OK guys, I have recently been asked to cater a Christmas Eve dinner for 20....since my children are going to NO I'll probably bid the job.....how many times do you multiply the cost for CE or any big holiday for that matter.


----------



## chef david simpson (Sep 25, 2000)

double your overhead if it's a 20+

[This message has been edited by Chef David Simpson (edited October 20, 2000).]


----------



## chef david simpson (Sep 25, 2000)

In all respect as well, you must look at who you are catering to. If you make the bid too high, you might not get it. Is your client young or elder? What's thier income? Can they aford your services? You must look at all angles of your clients' needs befor you strike a deal.


----------



## shroomgirl (Aug 11, 2000)

I stay with my food< I hire staff to help but I've never not been at one of my parties...
I'm mixed on this one...."my husband may be concerned about the cost and try to talk you down" to my response of "That's the difference between brisket and filet"
So....75% cost up front payment due that night....it will be worth my while or I just don't do it....it's a fairly easy meal
3 apps 
butternut squash soup, guyere biscuits
baby greens with ving cranberries and pecans
Prime rib with yorkshire pudding, 3 veg
horseradish sauce
apple pie and bouche noel
I stay serve plated food with help
clean-up


----------



## chef david simpson (Sep 25, 2000)

For something like this I would charge about $2500 dedending on type of people they are.
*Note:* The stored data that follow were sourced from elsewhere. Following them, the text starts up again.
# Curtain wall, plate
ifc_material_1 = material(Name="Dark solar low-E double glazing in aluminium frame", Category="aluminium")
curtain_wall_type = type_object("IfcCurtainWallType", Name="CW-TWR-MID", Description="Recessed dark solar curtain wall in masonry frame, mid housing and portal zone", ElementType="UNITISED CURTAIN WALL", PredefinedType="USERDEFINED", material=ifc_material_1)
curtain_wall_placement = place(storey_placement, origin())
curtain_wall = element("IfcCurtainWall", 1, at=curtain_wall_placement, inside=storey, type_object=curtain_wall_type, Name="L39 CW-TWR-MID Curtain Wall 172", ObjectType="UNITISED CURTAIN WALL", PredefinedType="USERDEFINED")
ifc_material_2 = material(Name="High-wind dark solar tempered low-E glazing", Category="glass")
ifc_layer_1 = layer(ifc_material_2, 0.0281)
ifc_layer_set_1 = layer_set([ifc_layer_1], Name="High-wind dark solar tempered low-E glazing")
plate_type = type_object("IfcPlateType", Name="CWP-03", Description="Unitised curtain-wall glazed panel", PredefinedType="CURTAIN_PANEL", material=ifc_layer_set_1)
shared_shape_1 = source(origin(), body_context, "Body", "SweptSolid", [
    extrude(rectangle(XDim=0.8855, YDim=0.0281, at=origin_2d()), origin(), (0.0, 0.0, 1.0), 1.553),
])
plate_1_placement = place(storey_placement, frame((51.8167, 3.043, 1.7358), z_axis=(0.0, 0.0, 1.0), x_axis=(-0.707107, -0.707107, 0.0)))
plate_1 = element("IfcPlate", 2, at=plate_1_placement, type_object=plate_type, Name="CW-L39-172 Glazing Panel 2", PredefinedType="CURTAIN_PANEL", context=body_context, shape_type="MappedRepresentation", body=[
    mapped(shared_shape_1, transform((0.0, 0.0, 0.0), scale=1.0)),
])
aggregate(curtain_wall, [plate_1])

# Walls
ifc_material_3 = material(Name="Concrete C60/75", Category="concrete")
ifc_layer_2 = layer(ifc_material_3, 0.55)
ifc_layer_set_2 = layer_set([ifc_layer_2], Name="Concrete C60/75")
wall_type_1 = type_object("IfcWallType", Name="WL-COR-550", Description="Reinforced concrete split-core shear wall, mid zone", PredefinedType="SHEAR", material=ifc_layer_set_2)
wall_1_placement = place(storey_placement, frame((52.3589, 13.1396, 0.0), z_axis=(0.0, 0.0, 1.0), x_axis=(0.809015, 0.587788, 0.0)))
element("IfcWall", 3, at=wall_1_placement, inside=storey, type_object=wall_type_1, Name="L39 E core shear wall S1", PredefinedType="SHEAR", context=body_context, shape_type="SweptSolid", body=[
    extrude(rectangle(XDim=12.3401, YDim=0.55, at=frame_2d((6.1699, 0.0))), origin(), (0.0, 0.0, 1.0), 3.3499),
It looks like thier not very well off or money would'nt be an issue. So stand your ground and be firm.


----------



## shroomgirl (Aug 11, 2000)

Yep they offered 1/2 of that.....no they are ok but he's got a doctorate in Economics.
and they are not sure how many are going to be in Colorado at the Family compound.......

so yeah $125 per head is not out of line.


----------